Implications and Applications

Bregman Voronoi diagrams expand the toolbox available in computational geometry and information geometry. They provide means to handle non-Euclidean distance functions efficiently. For machine learning, these structures facilitate improvements in clustering and classification, where geometric consistency and flexibility are desired. For example, they offer advantages in domains dominated by statistical distances such as the Kullback-Leibler divergence.

Furthermore, the findings could be foundational for developing robust algorithms in data-heavy applications like image processing, data mining, and knowledge discovery.
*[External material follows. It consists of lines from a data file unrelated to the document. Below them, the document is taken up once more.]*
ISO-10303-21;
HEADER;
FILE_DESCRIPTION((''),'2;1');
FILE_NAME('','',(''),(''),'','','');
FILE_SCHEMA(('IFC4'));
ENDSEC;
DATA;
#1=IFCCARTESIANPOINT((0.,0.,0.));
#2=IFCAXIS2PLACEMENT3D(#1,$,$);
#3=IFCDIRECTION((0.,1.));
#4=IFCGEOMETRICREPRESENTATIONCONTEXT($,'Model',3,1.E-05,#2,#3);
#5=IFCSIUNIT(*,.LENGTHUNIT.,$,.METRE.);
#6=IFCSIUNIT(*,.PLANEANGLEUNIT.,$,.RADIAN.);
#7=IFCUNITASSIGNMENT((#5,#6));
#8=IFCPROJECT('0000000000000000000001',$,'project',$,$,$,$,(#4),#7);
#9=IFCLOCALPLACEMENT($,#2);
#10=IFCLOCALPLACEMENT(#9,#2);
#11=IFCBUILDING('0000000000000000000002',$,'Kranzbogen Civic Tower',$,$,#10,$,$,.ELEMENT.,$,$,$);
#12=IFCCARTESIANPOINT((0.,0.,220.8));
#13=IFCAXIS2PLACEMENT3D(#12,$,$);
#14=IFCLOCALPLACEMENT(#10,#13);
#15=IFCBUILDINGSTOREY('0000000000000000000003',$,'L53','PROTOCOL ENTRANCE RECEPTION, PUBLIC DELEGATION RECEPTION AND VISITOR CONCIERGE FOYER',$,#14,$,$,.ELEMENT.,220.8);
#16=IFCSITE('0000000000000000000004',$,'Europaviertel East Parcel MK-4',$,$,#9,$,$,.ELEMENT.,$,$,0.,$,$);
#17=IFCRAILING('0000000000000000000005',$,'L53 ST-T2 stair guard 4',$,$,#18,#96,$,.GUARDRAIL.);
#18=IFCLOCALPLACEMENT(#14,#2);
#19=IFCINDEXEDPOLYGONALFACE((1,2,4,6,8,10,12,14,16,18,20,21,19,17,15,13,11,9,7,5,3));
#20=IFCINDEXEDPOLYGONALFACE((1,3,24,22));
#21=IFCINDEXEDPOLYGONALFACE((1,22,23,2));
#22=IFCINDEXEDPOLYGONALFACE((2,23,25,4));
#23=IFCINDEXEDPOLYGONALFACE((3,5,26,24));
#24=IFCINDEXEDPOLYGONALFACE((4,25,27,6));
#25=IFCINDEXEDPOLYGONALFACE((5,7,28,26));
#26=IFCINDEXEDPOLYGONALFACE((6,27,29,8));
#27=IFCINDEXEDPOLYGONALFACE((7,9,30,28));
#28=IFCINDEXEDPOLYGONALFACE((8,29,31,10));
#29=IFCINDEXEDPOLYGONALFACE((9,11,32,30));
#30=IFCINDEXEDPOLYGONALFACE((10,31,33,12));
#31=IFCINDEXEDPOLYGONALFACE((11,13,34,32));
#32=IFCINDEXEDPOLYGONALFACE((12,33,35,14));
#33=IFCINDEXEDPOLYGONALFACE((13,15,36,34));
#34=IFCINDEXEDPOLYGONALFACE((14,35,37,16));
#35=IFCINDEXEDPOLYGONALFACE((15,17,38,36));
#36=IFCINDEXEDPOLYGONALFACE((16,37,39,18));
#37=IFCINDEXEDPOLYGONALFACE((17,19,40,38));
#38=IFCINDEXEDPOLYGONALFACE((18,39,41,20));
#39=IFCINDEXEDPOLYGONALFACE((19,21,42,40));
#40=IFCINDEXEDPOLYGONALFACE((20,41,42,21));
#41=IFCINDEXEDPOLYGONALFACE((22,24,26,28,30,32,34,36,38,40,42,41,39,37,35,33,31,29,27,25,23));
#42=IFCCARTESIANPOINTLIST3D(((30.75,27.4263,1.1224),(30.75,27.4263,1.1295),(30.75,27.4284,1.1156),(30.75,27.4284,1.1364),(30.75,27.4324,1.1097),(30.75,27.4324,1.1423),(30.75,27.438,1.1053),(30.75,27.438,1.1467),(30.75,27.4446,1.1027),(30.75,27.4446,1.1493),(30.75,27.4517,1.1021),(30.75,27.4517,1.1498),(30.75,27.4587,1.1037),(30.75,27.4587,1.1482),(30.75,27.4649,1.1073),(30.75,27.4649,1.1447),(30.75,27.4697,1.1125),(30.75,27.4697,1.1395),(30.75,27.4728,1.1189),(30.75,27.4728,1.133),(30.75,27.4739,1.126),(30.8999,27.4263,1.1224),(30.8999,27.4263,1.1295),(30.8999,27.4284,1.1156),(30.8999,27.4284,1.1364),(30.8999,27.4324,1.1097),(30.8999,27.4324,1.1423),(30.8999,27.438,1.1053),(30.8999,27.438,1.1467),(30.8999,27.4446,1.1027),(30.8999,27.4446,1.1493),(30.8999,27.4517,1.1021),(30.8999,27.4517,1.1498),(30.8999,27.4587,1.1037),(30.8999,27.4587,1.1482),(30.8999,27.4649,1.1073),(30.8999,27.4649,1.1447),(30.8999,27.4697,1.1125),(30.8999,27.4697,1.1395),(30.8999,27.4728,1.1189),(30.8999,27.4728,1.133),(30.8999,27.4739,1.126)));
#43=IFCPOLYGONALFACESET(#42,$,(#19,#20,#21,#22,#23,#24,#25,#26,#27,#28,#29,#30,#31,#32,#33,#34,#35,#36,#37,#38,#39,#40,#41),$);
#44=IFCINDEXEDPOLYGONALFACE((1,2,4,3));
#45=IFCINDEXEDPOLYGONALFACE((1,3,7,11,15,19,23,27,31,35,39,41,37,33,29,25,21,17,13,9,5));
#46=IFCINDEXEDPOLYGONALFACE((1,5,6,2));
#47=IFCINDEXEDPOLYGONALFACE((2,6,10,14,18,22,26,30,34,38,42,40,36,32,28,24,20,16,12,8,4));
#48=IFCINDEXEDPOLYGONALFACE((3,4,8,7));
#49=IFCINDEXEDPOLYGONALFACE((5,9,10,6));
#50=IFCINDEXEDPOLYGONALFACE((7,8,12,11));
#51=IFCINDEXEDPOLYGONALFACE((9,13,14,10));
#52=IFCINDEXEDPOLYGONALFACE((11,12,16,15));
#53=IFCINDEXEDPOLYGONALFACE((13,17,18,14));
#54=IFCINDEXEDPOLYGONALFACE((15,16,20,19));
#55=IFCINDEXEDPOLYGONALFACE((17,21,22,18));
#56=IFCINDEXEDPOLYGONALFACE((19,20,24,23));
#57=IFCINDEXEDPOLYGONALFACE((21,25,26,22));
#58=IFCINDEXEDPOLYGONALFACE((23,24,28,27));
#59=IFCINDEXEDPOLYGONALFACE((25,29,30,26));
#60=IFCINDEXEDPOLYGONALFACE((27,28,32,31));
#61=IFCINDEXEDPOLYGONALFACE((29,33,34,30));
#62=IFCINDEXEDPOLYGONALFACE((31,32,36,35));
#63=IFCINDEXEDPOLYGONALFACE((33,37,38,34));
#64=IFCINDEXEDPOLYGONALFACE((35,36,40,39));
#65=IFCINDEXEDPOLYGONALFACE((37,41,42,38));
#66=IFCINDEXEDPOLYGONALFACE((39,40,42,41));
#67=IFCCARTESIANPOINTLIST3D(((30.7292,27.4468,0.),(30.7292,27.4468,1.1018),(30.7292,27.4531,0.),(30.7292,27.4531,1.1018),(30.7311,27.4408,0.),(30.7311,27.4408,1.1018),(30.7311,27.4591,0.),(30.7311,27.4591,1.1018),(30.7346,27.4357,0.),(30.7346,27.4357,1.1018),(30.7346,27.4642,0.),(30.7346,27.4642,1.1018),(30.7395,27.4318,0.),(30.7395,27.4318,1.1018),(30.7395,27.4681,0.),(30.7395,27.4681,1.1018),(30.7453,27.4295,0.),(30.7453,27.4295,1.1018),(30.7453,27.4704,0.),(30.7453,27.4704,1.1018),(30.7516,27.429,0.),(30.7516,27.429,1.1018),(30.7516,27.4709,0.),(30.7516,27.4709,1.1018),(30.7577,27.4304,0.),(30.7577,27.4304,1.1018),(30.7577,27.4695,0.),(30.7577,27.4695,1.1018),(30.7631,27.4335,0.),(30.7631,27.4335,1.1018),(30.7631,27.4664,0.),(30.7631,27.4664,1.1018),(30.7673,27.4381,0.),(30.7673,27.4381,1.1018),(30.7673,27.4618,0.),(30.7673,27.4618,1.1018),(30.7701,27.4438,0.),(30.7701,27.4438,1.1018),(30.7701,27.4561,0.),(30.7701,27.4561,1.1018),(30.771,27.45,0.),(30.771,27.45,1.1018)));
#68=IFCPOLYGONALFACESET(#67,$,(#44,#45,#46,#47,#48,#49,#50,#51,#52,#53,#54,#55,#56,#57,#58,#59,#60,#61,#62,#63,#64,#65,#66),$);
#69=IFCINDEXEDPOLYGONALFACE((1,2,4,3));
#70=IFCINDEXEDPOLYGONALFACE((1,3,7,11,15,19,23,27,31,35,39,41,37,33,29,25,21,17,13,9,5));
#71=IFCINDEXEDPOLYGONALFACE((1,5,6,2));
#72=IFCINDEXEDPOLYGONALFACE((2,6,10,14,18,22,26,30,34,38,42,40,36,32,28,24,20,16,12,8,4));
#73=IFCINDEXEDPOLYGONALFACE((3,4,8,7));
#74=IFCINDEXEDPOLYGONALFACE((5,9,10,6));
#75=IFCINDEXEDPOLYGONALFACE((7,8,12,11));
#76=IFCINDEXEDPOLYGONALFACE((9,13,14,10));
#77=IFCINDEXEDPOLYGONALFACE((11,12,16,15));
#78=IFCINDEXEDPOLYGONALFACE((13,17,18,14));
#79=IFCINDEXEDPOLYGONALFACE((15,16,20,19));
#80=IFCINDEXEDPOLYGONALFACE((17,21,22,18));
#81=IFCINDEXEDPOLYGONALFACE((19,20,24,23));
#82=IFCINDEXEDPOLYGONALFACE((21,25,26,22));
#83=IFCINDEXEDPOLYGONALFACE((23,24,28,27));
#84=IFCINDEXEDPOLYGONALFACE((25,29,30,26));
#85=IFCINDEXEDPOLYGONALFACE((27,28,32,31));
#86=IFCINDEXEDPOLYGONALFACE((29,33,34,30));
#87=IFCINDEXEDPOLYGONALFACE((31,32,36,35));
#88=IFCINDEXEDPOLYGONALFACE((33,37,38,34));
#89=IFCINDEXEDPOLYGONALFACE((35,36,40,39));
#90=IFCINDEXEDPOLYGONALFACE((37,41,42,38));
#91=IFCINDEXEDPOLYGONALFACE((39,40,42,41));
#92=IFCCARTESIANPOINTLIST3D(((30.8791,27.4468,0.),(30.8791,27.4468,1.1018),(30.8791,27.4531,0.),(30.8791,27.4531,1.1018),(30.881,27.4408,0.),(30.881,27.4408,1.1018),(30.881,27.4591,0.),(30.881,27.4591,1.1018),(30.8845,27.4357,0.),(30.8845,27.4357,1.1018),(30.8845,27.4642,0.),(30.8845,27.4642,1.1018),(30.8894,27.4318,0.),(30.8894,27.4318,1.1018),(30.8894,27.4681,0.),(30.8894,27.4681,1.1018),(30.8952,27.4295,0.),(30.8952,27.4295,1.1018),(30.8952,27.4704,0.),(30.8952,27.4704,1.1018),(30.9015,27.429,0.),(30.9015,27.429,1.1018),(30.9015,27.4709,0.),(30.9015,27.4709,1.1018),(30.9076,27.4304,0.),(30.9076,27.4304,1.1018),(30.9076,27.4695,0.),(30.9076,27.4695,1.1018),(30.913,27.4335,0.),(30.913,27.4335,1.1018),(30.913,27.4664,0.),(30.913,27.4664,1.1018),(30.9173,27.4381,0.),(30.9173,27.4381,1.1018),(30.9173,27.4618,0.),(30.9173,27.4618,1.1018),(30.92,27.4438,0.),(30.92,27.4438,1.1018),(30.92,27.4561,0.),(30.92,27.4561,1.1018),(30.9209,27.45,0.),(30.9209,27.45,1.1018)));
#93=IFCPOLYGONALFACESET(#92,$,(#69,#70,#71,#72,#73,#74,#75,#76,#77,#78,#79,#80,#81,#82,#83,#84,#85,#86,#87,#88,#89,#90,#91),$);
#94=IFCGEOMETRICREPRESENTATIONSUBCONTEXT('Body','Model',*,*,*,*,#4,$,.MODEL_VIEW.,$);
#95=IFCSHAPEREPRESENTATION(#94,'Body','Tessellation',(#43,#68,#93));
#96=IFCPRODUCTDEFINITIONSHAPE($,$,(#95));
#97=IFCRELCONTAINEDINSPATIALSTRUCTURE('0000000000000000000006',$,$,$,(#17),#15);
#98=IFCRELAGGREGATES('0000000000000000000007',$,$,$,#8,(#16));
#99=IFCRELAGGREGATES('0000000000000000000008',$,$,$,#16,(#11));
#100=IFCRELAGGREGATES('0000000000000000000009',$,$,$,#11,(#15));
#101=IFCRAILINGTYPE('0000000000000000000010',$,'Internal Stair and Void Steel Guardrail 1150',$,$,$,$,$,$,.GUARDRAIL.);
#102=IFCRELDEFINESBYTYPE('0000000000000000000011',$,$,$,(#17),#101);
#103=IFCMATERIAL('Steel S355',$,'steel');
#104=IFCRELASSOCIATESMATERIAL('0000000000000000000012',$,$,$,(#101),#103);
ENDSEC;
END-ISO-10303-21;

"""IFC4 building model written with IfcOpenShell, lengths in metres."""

from ifc_helpers import new_model, si_unit, direction, frame, origin, origin_2d, place, context, subcontext, project, spatial, circle, extrude, material, type_object, element, save


model = new_model("IFC4")

# Units and contexts
model_context = context("Model", 3, precision=1e-05, world=origin(), true_north=direction((0.0, 1.0)))
body_context = subcontext(model_context, "Body", "Model", "MODEL_VIEW")
ifc_project = project(units=[si_unit("LENGTHUNIT", "METRE"), si_unit("PLANEANGLEUNIT", "RADIAN")], contexts=[model_context])

# Site, building, storey
site_placement = place(None, origin())
site = spatial("IfcSite", under=ifc_project, at=site_placement, Name="Europaviertel East Parcel MK-4", CompositionType="ELEMENT", RefElevation=0.0)
building_placement = place(site_placement, origin())
building = spatial("IfcBuilding", under=site, at=building_placement, Name="Kranzbogen Civic Tower", CompositionType="ELEMENT")
storey_placement = place(building_placement, frame((0.0, 0.0, 220.8)))
storey = spatial("IfcBuildingStorey", under=building, at=storey_placement, Name="L53", Description="PROTOCOL ENTRANCE RECEPTION, PUBLIC DELEGATION RECEPTION AND VISITOR CONCIERGE FOYER", CompositionType="ELEMENT", Elevation=220.8)

# Shared definitions
ifc_material_1 = material(Name="Steel S355", Category="steel")

# Railing
railing_type_1 = type_object("IfcRailingType", Name="Internal Stair and Void Steel Guardrail 1150", PredefinedType="GUARDRAIL", material=ifc_material_1)
railing_1_placement = place(storey_placement, frame((30.75, 27.45, 0.0)))
element("IfcRailing", 1, at=railing_1_placement, inside=storey, type_object=railing_type_1, Name="L53 ST-T2 stair guard 4", PredefinedType="GUARDRAIL", context=body_context, shape_type="SweptSolid", body=[
    extrude(circle(Radius=0.0239, at=origin_2d()), frame((0.0, 0.0, 1.126), z_axis=(1.0, 0.0, 0.0), x_axis=(0.0, 1.0, 0.0)), (0.0, 0.0, 1.0), 0.1499),
    extrude(circle(Radius=0.021, at=origin_2d()), origin(), (0.0, 0.0, 1.0), 1.1018),
    extrude(circle(Radius=0.021, at=origin_2d()), frame((0.1499, 0.0, 0.0)), (0.0, 0.0, 1.0), 1.1018),
])

save(model, "model.ifc")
While the computational complexity still presents challenges, particularly in high-dimensional settings, the insights into Bregman divergences promote better handling of metric anomalies and the incorporation of noise and uncertainty in geometric computations.

Future Directions

Future research could focus on resolving high-dimensional challenges, constructing data-optimized structures, and expanding on the theoretical foundation for integrating heterogenous data types within Voronoi frameworks. Advanced algorithms that minimize the practical clustering challenge—high complexity due to dimensional scaling—could also be explored. Experimentation with Bregman Voronoi diagrams in real-world applications may yield new insights and push the boundaries of both theoretical and applied computational geometry.

Conclusion

The paper establishes a comprehensive framework for Bregman Voronoi diagrams, characterized by versatile distance functions. Through a blend of theoretical insight and practical algorithmic adaptations, it opens new avenues for advancing computational geometry's role in data analytics and machine learning, setting the stage for further exploration and innovation in these fields.